A governance charter names who is responsible. A policy stack defines what is allowed. The distinction matters because the same agent can be deployed in dozens of different contexts across a large enterprise, and each context carries its own risk profile, its own regulatory obligations, and its own tolerance for autonomous action. The policy stack is the body of living documents that governs all of those contexts simultaneously — not by anticipating every scenario, but by establishing principles and decision rules that teams can apply when novel situations arise. Getting the stack right is less a legal exercise than an operational engineering problem.
Acceptable Use Policy
The foundation of the stack is an acceptable use policy (AUP) for agentic systems. It differs from a conventional AUP in two important ways. First, it must address the actions of the agent as well as the actions of the user: a policy that only constrains what humans type into a chat interface provides no guidance on what the agent is permitted to do with the tools it has been given. Second, it must address probabilistic outputs: unlike a database query that returns a definitive result, an agent's output is a best-effort inference, and the AUP must establish how that uncertainty should be disclosed to downstream consumers of the agent's work.
A well-drafted AUP specifies approved use cases (the classes of task for which the agent is sanctioned), prohibited use cases (tasks that are explicitly off-limits regardless of apparent capability), handling rules for sensitive data categories encountered unexpectedly, and disclosure requirements when an agent's output is incorporated into a communication, a decision, or a deliverable that reaches an external party. The AUP should be reviewed annually and whenever a significant new capability — a new tool integration, a new model version, or a new deployment context — is introduced.
Model Risk Management
Financial services regulators have required model risk management (MRM) for algorithmic decision systems since the Federal Reserve's SR 11-7 guidance in 2011. That framework — model inventory, validation, monitoring, and governance — applies to agentic AI with some important extensions. The model in an agentic system is often a third-party foundation model that the organization did not train and cannot fully audit. MRM for agents therefore requires a vendor risk component that tracks the model provider's change management practices, their evaluation methodology, and their contractual commitments around performance stability.
The validation challenge is particularly acute. Traditional MRM validates a model on a held-out test set and declares it fit for purpose within a defined input distribution. An agent operates across a far wider and less predictable input distribution — including adversarially crafted inputs from external actors — and its outputs include not just predictions but actions with real-world consequences. Model risk teams adapting to this environment are increasingly building behavioral test suites: structured collections of scenarios designed to probe the agent's behavior at the edges of its approved use cases, including scenarios that involve conflicting instructions, ambiguous data, and attempts at prompt injection.

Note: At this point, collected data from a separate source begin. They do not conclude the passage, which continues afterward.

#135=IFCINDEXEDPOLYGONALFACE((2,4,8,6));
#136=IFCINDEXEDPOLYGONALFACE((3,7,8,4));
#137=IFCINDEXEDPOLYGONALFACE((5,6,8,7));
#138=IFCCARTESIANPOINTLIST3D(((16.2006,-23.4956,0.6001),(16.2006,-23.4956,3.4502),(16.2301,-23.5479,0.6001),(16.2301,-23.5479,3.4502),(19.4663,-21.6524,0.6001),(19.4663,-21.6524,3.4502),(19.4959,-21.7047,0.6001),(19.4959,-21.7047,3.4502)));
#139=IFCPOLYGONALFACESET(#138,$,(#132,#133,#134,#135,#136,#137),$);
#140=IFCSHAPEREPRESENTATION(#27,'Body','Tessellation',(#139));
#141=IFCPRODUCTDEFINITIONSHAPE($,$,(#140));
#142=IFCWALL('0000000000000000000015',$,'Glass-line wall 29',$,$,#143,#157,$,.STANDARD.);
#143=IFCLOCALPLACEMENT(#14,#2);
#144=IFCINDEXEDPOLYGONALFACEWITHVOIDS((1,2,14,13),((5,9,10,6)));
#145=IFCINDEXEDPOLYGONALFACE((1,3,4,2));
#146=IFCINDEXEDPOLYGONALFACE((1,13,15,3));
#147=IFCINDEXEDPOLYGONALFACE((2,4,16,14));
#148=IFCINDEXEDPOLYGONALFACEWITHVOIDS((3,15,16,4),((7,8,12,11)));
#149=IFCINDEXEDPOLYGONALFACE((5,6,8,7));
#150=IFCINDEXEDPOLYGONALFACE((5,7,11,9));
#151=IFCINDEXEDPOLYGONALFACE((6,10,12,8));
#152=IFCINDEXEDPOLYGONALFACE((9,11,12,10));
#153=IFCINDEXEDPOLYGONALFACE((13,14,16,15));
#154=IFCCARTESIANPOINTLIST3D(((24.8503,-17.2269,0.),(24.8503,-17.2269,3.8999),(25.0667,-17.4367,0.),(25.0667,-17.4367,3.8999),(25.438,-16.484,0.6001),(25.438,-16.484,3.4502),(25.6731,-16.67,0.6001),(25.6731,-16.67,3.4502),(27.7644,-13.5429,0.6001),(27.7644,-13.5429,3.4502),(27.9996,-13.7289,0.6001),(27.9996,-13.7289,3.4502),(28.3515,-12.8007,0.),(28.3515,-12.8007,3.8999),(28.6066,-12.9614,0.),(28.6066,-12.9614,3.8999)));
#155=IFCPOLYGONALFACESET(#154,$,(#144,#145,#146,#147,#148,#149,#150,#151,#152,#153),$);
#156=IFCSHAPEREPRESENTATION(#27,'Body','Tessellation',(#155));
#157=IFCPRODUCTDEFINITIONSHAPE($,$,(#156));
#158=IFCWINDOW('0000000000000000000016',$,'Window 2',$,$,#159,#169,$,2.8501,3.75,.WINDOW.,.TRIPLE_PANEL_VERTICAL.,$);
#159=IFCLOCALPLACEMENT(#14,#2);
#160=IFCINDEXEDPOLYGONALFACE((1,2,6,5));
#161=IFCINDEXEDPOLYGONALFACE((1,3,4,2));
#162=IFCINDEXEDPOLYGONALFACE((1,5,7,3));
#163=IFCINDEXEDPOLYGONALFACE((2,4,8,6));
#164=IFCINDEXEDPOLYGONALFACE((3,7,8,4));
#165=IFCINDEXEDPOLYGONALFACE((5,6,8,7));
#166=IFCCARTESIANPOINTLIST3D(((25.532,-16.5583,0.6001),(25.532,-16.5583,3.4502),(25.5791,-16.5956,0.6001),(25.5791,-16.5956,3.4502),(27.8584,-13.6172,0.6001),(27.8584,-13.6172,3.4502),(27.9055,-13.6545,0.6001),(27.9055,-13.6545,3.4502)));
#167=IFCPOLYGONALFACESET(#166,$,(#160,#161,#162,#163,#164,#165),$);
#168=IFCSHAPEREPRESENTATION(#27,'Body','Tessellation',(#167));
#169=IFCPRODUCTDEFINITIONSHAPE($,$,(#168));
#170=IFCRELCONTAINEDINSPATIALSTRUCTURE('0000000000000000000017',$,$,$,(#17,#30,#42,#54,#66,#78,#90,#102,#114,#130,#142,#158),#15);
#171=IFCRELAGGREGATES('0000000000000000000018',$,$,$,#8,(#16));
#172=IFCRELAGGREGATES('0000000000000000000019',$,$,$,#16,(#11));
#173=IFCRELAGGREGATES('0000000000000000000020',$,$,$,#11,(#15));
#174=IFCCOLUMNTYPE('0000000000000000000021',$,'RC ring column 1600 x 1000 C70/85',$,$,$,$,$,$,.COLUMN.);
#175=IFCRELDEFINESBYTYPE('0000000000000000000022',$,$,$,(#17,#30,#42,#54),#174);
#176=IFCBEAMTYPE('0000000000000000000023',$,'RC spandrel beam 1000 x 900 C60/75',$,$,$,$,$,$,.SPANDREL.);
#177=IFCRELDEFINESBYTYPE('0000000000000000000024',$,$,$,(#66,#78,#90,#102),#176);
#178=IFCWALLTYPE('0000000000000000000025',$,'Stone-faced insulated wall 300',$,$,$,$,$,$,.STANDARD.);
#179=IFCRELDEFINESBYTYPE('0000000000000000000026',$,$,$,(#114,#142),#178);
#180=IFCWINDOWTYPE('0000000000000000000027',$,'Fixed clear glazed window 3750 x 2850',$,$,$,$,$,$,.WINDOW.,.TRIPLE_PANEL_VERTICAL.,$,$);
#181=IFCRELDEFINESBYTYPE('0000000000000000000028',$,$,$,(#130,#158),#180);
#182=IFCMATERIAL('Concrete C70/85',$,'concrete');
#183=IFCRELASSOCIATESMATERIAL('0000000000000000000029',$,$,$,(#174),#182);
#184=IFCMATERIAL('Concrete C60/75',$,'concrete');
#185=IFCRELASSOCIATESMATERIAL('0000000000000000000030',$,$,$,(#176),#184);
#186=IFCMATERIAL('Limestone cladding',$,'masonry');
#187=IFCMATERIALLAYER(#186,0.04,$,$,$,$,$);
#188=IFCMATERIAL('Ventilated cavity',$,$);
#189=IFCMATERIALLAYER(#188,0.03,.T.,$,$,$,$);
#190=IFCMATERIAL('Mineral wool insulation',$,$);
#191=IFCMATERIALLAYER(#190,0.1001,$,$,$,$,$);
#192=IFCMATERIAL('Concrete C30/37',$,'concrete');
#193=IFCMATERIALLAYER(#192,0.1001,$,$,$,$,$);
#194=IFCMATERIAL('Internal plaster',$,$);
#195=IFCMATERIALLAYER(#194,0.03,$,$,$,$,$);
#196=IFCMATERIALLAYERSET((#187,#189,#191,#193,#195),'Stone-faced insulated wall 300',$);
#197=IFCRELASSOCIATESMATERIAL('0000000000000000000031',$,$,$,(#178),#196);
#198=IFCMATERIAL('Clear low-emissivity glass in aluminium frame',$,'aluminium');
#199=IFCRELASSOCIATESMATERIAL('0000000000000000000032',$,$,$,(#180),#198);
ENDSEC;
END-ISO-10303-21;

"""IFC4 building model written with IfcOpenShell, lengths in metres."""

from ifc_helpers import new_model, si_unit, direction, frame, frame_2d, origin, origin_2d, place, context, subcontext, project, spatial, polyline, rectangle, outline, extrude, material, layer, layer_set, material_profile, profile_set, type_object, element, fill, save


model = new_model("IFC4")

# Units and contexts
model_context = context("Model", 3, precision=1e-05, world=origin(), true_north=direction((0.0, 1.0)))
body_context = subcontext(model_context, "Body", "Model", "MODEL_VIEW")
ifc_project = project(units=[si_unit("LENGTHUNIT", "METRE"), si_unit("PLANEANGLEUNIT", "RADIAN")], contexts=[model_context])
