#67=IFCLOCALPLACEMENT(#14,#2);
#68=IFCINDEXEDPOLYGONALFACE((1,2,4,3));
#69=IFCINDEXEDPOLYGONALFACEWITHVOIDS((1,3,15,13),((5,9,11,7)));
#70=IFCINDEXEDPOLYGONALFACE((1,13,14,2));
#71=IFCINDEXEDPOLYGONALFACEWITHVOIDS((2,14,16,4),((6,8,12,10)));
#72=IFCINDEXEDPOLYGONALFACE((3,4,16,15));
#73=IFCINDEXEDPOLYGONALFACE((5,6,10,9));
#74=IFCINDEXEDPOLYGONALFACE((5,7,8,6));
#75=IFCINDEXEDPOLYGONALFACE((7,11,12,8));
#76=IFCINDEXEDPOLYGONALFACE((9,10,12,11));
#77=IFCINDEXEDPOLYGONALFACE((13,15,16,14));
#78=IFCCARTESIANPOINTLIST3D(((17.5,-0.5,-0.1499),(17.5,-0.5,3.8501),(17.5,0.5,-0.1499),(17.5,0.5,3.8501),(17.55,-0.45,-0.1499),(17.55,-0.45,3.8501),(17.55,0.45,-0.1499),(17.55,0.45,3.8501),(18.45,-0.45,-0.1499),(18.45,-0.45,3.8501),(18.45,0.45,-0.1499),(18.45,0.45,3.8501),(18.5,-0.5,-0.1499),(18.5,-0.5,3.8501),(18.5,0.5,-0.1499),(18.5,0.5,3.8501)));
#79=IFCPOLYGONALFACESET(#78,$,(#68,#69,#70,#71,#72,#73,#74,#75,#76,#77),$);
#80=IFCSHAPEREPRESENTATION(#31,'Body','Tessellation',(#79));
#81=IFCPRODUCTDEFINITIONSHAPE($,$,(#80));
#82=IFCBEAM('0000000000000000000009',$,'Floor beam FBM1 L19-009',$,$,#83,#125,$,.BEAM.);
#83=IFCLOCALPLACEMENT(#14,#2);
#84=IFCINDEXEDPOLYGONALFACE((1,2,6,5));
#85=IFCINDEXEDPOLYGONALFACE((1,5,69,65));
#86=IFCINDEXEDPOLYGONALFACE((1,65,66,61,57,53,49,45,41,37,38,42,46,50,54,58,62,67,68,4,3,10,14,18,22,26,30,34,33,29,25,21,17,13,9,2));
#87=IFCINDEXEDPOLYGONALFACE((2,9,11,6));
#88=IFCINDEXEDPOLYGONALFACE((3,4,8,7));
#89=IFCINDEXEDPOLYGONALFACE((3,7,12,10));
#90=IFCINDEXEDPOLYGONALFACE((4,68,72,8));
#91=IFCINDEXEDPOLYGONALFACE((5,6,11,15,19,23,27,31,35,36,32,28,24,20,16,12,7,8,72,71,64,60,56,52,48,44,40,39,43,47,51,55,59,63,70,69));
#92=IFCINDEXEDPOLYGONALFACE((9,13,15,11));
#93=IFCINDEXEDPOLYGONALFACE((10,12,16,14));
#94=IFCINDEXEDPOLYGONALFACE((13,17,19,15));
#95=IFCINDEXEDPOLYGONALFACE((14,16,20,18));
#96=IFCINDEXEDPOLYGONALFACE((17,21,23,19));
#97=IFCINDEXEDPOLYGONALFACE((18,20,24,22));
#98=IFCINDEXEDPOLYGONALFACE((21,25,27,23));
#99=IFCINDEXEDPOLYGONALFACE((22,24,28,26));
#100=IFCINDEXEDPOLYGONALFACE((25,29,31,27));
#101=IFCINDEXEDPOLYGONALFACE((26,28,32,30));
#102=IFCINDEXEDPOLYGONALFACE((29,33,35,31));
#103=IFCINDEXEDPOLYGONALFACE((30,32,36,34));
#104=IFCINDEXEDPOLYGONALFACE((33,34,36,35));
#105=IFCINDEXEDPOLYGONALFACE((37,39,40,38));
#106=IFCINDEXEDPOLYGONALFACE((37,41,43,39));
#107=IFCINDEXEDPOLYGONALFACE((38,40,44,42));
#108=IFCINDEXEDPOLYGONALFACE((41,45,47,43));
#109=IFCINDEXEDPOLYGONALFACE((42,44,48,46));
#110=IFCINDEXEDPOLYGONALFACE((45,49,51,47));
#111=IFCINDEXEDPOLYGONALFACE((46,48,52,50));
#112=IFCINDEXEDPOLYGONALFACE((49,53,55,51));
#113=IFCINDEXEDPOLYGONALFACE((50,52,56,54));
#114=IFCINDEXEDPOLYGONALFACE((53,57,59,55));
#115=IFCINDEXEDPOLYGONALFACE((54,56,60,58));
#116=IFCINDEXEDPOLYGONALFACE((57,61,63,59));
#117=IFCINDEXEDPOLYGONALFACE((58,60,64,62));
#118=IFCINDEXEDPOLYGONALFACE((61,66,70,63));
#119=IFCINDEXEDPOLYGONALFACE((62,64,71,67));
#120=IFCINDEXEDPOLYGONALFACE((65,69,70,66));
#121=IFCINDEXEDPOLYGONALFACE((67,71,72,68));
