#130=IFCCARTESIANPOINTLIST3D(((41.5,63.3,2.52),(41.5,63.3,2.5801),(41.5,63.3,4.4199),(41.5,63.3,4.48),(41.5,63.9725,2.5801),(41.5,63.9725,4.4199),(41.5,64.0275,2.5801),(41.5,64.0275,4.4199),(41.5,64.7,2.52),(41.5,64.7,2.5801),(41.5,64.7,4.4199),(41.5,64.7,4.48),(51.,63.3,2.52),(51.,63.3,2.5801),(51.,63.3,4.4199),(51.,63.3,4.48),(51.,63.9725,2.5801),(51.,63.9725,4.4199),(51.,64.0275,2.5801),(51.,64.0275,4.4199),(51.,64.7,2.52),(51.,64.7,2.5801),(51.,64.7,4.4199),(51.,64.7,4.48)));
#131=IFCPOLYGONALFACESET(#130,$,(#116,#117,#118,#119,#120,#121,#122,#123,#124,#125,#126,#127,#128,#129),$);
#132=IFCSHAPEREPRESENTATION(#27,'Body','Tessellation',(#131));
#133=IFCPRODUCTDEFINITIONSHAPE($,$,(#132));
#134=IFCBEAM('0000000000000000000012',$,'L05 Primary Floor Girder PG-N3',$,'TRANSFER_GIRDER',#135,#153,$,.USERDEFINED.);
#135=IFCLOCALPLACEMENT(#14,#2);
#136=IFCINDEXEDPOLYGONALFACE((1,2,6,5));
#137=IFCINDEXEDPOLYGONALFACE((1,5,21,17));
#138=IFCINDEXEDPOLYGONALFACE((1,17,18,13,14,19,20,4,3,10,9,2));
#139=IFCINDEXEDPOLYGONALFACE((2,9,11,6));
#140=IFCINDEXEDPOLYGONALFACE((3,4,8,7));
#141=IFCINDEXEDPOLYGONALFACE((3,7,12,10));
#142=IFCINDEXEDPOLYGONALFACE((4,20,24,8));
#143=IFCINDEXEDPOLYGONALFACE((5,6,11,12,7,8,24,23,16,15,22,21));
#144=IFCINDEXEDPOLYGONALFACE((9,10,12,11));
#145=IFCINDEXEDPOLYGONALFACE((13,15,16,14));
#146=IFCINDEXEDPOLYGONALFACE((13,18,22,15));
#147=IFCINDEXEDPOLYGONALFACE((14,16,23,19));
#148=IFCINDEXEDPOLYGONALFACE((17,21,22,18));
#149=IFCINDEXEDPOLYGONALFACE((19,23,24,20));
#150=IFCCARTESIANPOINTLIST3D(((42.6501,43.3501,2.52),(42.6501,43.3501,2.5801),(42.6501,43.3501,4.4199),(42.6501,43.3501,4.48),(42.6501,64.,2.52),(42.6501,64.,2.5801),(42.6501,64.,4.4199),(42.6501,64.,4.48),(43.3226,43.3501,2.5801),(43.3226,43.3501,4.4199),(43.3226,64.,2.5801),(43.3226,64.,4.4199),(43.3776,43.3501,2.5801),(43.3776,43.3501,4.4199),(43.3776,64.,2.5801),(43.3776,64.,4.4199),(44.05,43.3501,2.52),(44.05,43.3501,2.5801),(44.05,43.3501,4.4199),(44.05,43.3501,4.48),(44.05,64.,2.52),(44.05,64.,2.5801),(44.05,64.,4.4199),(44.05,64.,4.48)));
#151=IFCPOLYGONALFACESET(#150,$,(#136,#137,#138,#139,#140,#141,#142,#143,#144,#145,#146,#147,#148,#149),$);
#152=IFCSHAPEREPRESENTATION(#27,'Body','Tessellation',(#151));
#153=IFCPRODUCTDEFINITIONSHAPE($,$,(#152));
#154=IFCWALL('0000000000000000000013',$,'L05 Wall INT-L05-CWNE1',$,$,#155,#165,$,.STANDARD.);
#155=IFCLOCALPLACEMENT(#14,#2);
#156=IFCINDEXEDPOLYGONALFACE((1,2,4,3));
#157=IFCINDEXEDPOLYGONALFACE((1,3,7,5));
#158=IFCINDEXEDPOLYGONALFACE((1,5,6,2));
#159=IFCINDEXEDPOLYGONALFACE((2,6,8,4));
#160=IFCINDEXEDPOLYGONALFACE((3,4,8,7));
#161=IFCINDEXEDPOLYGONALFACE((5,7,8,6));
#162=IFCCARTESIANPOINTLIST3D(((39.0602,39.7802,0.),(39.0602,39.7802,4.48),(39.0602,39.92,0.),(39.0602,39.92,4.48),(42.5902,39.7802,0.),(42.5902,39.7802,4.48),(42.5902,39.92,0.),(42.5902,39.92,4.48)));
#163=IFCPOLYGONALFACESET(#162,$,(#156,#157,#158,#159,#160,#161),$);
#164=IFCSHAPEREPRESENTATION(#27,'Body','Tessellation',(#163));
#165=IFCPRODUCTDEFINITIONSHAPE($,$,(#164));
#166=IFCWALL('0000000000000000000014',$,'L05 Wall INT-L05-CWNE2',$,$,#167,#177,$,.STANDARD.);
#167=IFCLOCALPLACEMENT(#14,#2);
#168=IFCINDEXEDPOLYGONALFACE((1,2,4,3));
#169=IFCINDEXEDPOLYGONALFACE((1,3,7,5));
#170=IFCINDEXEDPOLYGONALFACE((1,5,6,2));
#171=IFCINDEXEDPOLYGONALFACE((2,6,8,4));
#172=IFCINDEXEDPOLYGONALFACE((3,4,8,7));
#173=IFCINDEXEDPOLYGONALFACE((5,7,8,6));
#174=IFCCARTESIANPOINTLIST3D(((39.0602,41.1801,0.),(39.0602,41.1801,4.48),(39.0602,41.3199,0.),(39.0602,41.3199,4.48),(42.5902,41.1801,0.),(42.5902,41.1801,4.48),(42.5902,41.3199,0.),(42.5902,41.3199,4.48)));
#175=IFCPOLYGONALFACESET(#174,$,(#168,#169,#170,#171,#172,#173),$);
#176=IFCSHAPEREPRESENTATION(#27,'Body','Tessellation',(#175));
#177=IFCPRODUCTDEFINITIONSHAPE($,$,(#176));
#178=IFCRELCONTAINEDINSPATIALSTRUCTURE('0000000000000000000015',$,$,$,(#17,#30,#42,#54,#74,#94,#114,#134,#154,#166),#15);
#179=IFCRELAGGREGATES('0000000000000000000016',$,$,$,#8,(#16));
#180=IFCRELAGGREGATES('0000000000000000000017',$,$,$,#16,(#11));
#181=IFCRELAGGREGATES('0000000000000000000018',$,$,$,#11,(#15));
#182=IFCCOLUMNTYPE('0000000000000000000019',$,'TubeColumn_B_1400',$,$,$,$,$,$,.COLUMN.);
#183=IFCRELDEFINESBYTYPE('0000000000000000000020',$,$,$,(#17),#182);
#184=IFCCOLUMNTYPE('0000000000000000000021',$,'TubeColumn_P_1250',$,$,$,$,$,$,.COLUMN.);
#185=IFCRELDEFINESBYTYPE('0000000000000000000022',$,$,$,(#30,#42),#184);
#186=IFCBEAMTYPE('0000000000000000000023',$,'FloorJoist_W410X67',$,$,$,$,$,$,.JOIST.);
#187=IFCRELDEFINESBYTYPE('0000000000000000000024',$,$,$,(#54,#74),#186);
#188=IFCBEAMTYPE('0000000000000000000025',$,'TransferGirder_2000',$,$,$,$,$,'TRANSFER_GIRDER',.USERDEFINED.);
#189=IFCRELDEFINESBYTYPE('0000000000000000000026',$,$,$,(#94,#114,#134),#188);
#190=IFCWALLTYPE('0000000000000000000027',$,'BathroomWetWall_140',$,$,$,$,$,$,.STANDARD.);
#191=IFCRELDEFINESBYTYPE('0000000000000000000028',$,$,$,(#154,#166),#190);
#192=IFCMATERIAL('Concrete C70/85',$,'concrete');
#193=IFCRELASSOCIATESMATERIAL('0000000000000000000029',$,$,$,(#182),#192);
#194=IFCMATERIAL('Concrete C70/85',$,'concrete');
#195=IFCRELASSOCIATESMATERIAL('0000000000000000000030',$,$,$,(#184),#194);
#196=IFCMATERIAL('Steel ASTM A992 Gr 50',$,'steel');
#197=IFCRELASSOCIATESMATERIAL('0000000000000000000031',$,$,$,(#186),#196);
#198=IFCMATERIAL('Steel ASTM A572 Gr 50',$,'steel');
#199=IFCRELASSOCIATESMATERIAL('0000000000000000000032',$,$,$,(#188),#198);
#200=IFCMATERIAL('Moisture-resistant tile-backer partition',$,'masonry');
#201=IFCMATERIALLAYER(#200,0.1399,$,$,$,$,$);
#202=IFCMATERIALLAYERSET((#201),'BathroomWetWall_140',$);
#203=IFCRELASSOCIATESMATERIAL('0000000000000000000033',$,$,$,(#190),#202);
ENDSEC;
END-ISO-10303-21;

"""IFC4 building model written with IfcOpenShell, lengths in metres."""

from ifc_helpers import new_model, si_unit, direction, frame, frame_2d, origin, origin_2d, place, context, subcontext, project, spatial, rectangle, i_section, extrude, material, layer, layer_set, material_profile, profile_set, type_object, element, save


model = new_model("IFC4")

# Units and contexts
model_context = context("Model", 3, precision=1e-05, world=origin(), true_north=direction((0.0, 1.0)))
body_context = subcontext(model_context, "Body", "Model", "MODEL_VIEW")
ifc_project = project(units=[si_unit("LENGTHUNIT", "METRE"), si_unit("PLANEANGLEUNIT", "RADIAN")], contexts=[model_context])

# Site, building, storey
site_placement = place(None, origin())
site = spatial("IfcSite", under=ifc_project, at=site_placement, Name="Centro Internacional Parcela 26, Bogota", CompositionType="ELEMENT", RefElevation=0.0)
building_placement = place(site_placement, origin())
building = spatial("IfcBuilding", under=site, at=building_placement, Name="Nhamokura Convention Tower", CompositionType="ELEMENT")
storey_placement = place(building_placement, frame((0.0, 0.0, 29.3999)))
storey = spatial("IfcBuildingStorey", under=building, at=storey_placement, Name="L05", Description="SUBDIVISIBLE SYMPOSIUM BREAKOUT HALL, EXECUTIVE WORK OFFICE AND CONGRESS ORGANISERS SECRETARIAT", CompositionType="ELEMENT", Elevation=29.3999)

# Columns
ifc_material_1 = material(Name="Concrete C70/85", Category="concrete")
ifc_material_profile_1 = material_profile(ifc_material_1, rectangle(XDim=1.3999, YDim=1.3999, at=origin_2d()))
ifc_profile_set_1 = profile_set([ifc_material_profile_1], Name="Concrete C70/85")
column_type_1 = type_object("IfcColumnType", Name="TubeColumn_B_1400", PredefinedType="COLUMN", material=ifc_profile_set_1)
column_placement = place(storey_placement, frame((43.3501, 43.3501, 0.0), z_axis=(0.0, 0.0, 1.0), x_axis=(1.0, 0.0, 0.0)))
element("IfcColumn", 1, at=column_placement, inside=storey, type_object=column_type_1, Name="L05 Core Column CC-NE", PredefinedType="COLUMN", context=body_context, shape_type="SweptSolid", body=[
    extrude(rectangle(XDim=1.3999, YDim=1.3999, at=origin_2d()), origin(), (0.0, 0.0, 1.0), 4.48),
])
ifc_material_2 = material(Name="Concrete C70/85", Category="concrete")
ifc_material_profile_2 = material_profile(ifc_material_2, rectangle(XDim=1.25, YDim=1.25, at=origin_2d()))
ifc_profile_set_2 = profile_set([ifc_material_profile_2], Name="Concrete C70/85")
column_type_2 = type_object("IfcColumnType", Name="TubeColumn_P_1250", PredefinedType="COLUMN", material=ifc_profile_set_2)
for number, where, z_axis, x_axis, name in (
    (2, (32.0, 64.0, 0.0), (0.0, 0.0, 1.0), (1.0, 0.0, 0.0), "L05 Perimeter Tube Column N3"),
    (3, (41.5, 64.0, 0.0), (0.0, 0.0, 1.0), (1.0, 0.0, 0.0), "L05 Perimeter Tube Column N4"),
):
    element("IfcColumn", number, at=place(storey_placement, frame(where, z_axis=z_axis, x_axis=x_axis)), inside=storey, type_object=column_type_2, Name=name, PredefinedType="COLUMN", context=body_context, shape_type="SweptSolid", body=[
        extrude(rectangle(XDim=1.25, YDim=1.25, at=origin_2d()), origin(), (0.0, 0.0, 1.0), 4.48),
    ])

Data Classification for Agents
Most enterprise data classification schemes were designed for static documents and database records. They answer the question: how sensitive is this data at rest? For agents, the more important question is: how sensitive is this data in motion through an inference pipeline? An agent that retrieves a customer record (classified as Confidential), summarizes it (output now contains Confidential data), and sends the summary to an external vendor has moved data across a classification boundary in a way that no DLP rule written for email or file transfer will catch.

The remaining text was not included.